Dass das ganze mit einem verpixelten Bild aus "The Witcher 2" garniert wird, hätte ja nicht sein müssen. Aber es ist gut, dass diesen dreisten Abzockern ein Riegel vorgeschoben wird, diese ganze Redtube-Masche war von Anfang an darauf angelegt, das Schamgefühl der Konsumenten zu treffen, die keinen Wirbel verursachen wollen und schnell bezahlen sollten. Wenn ich auch noch das Interview mit Herrn Urmann lese 

Interview Anwalt Urmann zu Abmahnung von Porno-Guckern | ZEIT ONLINE

in dem er sich als Verfechter des Urheberrechts darstellt, weil der Staat in seiner Aufgabe versage, weiß ich gar nicht, wo ich zuerst hink*tzen soll.


----------



## Atma (3. Januar 2014)

polarwolf schrieb:


> Dass das ganze mit einem verpixelten Bild aus "The Witcher 2" garniert wird, hätte ja nicht sein müssen. Aber es ist gut, dass diesen dreisten Abzockern ein Riegel vorgeschoben wird, diese ganze Redtube-Masche war von Anfang an darauf angelegt, das Schamgefühl der Konsumenten zu treffen, die keinen Wirbel verursachen wollen und schnell bezahlen sollten. Wenn ich auch noch das Interview mit Herrn Urmann lese
> 
> Interview Anwalt Urmann zu Abmahnung von Porno-Guckern | ZEIT ONLINE
> 
> in dem er sich als Verfechter des Urheberrechts darstellt, weil der Staat in seiner Aufgabe versage, weiß ich gar nicht, wo ich zuerst hink*tzen soll.

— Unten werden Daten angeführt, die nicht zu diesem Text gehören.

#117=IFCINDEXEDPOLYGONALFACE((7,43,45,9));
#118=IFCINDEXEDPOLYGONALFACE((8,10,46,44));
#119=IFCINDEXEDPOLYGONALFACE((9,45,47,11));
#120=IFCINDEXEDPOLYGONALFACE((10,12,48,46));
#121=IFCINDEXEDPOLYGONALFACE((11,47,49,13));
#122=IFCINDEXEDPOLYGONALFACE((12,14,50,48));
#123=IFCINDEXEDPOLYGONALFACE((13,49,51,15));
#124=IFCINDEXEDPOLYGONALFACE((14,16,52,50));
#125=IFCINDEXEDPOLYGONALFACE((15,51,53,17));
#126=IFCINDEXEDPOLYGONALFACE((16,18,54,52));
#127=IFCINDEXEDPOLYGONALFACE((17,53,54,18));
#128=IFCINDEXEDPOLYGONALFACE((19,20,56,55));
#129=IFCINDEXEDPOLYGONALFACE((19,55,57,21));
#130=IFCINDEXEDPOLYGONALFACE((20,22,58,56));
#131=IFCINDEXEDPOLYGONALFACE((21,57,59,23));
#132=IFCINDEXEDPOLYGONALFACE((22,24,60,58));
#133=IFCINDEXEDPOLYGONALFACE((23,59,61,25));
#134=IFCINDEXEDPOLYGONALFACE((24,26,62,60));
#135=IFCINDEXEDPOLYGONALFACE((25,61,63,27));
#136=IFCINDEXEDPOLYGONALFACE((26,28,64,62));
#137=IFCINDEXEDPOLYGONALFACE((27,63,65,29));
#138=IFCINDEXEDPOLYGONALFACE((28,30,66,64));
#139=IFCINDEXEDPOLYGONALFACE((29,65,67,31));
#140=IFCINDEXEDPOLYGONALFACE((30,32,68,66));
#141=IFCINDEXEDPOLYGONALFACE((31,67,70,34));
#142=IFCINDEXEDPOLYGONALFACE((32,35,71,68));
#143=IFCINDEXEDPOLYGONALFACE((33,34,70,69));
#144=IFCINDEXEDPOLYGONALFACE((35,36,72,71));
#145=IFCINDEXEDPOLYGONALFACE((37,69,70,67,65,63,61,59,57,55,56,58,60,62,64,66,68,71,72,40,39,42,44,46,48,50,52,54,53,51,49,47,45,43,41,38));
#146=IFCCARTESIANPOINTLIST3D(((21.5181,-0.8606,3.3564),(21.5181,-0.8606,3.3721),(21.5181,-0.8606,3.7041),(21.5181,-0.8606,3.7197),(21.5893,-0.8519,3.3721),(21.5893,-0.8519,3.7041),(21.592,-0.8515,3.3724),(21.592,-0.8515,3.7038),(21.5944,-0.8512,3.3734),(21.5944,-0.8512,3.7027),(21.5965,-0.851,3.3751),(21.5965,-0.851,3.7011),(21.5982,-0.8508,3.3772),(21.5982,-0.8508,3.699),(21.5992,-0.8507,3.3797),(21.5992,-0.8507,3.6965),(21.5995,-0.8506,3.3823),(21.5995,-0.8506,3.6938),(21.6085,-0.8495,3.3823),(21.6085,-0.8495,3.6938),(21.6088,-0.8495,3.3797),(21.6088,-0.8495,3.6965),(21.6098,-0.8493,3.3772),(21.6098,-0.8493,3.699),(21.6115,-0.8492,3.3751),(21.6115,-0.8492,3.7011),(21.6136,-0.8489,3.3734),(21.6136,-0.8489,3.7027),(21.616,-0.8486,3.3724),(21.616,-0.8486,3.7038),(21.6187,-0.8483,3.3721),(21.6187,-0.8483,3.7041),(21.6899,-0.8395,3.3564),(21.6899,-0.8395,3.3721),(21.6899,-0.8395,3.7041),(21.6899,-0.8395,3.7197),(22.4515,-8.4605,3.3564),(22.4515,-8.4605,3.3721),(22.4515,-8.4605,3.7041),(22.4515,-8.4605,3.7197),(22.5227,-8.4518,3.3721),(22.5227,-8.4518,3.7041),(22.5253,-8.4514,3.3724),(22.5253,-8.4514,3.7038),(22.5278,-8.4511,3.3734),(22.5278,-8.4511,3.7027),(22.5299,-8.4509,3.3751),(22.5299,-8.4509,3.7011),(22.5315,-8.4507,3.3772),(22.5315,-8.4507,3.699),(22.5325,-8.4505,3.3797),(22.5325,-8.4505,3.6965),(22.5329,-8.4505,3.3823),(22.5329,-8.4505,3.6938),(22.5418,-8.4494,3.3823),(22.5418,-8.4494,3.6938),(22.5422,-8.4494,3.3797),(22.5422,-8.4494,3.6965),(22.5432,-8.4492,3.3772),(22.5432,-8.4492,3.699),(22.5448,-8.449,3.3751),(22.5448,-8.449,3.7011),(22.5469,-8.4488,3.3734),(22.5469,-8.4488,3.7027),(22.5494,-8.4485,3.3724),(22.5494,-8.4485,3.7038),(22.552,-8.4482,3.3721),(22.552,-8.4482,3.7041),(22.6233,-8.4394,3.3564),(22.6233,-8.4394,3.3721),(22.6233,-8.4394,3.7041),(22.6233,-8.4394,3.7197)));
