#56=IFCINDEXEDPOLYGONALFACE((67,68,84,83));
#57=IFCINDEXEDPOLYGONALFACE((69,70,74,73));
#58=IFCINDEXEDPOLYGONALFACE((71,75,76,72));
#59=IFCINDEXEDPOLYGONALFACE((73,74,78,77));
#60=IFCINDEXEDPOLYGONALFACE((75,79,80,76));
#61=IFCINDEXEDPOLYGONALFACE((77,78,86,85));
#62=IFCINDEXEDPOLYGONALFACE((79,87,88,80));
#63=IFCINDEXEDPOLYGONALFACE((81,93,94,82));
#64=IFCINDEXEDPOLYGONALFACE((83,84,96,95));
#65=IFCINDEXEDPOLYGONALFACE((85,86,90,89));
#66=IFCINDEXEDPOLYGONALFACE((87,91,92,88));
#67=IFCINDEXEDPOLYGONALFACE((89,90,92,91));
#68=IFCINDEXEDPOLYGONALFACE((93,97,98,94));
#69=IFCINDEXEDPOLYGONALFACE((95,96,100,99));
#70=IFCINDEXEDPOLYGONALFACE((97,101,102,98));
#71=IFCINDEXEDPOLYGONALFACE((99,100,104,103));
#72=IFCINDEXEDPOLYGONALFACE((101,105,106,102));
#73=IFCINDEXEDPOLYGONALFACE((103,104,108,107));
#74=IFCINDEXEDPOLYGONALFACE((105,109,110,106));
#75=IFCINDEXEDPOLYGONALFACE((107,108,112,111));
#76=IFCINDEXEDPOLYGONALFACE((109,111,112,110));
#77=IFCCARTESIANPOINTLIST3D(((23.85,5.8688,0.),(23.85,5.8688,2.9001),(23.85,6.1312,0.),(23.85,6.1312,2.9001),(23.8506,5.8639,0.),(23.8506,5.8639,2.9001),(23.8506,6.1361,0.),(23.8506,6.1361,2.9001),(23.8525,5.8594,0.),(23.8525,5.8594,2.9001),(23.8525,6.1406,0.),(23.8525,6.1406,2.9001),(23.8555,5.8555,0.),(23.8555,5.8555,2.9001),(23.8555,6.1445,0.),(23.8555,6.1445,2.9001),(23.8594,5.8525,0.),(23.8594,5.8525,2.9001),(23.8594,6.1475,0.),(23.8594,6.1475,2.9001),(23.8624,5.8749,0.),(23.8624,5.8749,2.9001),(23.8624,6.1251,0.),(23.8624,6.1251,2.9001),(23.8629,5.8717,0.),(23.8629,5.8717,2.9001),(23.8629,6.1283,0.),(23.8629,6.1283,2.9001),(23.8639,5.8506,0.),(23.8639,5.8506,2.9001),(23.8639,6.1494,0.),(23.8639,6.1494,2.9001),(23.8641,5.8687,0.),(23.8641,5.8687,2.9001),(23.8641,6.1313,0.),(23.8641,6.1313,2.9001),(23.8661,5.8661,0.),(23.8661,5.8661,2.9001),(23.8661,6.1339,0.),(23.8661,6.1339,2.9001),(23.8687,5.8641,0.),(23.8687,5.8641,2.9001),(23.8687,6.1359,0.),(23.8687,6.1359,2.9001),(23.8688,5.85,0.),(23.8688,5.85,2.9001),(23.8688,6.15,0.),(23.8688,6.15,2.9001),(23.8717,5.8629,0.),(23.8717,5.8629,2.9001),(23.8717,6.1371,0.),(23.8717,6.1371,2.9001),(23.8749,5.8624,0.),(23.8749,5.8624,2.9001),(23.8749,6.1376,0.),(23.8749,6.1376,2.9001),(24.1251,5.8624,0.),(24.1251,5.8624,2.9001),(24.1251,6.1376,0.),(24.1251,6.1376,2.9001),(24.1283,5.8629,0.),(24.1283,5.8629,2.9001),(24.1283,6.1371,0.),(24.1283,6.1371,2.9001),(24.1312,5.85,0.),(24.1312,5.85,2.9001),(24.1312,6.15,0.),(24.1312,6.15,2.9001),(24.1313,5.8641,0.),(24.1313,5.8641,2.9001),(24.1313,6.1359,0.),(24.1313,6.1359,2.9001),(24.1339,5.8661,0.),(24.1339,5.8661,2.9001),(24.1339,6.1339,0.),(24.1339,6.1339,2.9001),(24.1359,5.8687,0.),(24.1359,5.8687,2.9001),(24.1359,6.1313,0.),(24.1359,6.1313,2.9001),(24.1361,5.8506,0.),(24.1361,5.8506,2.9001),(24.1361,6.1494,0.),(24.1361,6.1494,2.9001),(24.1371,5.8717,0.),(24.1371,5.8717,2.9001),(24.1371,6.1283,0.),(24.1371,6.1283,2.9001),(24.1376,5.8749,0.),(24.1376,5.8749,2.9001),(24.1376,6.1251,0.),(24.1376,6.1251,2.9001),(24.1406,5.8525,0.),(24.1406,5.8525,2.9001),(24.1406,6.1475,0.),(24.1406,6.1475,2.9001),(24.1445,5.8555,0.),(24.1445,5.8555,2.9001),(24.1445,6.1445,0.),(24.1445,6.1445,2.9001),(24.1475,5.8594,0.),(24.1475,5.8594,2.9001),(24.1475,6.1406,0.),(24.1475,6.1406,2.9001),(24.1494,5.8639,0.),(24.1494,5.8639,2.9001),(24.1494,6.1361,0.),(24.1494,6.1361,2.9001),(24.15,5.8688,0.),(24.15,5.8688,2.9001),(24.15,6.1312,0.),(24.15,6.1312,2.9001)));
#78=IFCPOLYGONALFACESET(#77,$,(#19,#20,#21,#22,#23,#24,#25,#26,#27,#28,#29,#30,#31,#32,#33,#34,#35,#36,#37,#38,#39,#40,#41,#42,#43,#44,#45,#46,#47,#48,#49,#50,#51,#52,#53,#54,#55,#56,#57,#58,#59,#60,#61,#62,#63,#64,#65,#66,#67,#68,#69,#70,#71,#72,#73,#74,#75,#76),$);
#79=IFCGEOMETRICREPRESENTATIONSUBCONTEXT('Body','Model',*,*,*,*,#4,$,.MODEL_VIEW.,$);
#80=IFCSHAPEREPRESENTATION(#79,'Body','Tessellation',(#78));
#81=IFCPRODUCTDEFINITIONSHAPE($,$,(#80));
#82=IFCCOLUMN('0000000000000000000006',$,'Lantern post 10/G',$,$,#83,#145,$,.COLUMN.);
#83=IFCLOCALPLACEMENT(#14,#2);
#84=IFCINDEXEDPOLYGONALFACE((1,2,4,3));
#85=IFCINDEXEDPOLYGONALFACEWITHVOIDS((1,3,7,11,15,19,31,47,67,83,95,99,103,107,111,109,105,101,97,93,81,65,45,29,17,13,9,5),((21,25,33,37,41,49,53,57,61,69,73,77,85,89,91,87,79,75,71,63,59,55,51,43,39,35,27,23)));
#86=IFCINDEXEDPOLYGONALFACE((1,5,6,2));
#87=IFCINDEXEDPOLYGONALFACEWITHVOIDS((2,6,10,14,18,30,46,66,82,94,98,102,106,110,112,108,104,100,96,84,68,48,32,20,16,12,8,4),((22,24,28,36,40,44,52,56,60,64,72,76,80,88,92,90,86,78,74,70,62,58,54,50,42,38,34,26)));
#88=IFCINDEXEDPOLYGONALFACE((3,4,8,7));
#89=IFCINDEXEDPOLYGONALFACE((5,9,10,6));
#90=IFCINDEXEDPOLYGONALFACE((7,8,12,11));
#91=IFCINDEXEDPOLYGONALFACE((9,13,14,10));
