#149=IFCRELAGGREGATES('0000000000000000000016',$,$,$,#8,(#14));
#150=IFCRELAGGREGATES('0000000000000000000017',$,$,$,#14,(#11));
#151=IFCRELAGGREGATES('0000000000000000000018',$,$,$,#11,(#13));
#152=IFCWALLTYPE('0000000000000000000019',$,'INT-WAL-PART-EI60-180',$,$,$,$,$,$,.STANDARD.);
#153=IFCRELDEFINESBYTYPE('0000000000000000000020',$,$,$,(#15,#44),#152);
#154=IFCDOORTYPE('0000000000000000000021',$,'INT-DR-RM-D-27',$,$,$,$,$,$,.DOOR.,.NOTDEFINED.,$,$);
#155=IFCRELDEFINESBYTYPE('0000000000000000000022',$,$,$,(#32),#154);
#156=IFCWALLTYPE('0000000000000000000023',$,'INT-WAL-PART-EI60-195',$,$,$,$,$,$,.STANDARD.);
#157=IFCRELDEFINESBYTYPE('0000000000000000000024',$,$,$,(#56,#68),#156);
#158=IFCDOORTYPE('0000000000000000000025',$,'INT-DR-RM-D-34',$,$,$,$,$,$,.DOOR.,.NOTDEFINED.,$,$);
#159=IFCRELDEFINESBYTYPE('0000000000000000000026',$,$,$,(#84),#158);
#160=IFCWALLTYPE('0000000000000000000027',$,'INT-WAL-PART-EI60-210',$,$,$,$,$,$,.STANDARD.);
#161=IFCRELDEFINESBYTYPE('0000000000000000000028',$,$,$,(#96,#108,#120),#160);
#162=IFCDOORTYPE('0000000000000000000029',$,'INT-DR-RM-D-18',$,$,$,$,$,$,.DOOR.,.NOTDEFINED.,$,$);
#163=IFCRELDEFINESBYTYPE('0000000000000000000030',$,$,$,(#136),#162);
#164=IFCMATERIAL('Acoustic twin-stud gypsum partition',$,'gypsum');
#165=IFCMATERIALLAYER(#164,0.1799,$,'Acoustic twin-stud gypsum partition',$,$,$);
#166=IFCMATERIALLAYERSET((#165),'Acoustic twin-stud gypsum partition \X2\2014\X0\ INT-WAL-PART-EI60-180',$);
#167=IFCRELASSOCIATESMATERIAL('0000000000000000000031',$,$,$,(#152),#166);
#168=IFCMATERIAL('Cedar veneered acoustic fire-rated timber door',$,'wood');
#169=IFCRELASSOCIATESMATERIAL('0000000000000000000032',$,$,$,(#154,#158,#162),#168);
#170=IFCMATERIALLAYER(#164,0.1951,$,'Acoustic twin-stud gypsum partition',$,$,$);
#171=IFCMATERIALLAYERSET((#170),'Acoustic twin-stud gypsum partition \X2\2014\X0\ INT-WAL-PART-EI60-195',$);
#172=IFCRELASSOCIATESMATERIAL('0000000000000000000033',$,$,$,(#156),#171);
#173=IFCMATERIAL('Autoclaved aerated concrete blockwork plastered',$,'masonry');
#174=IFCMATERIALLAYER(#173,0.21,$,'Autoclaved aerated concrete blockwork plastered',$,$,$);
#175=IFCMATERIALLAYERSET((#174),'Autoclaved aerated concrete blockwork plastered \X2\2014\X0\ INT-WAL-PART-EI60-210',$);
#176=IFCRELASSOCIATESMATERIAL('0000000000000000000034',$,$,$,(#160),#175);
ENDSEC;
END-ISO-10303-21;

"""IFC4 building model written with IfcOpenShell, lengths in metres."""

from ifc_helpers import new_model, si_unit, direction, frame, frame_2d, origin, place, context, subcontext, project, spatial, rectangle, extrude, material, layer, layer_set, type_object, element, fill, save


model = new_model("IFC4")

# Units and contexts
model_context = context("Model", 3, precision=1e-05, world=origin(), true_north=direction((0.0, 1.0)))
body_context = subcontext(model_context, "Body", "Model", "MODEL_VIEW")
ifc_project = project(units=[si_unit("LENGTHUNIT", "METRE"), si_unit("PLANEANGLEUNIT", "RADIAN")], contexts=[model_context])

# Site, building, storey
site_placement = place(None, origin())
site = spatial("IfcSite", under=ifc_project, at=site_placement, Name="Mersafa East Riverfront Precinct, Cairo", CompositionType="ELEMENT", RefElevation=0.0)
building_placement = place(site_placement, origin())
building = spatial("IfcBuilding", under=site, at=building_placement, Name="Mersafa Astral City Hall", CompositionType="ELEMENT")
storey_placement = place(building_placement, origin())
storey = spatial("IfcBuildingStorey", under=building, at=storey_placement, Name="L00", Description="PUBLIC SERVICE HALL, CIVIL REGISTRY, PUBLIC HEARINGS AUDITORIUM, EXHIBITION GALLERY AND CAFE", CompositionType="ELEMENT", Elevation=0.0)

Wahre Worte, aber leider hatte seine Masche Erfolg. Bei irgendeiner News stand dabei, dass die Abgemahnten 2-3 Millionen Euro gezahlt haben. Abmahnanwälte sind und bleiben die Wegelagerer der Moderne.


----------



## polarwolf (3. Januar 2014)

Ich hoffe, dass viele Betroffene eine Gegenklage wegen Erpressung und für Schadensersatz anstreben und ihr Geld zurückbekommen. Natürlich muss man damit auch ins Rampenlicht treten und so mancher Ehefrau wird das wohl nicht schmecken...
Abmahnanwälte schaden im Übrigen dem Ansehen der gesamten Anwaltschaft in Deutschland.


----------



## Raeven (3. Januar 2014)

Abmahnanwälte mit unrechtmäßigen Forderungen wie hier, die offensichtlich das Recht mehr als gebogen haben sollen, müssen  nach dem Beweis einer strafbaren Handlung ihre Zulassung dauerhaft verlieren. Allein dadurch würde es sich so mancher Anwalt schon überlegen welche Forderungen er verschickt. Das Recht wird durch solche perfiden Handlungen nur mit Füßen getreten.
Ich hoffe das die Staatsanwaltschaft und die Gerichte hier ein Musterbeispiel für alle anderen Abmahnanwälte schaffen.


----------



## Eckism (3. Januar 2014)

Viele Ehefrauen/Freundinnen werden von den Männern nur zu bieder angesehen...oder denkt ihr, die benutzen ihr Spielzeug ohne Filmchen?
Es ist ne Tatsache, das Frauen auch solche Filme gucken, soviel ich weiß, sogar bedeutend mehr als Männer.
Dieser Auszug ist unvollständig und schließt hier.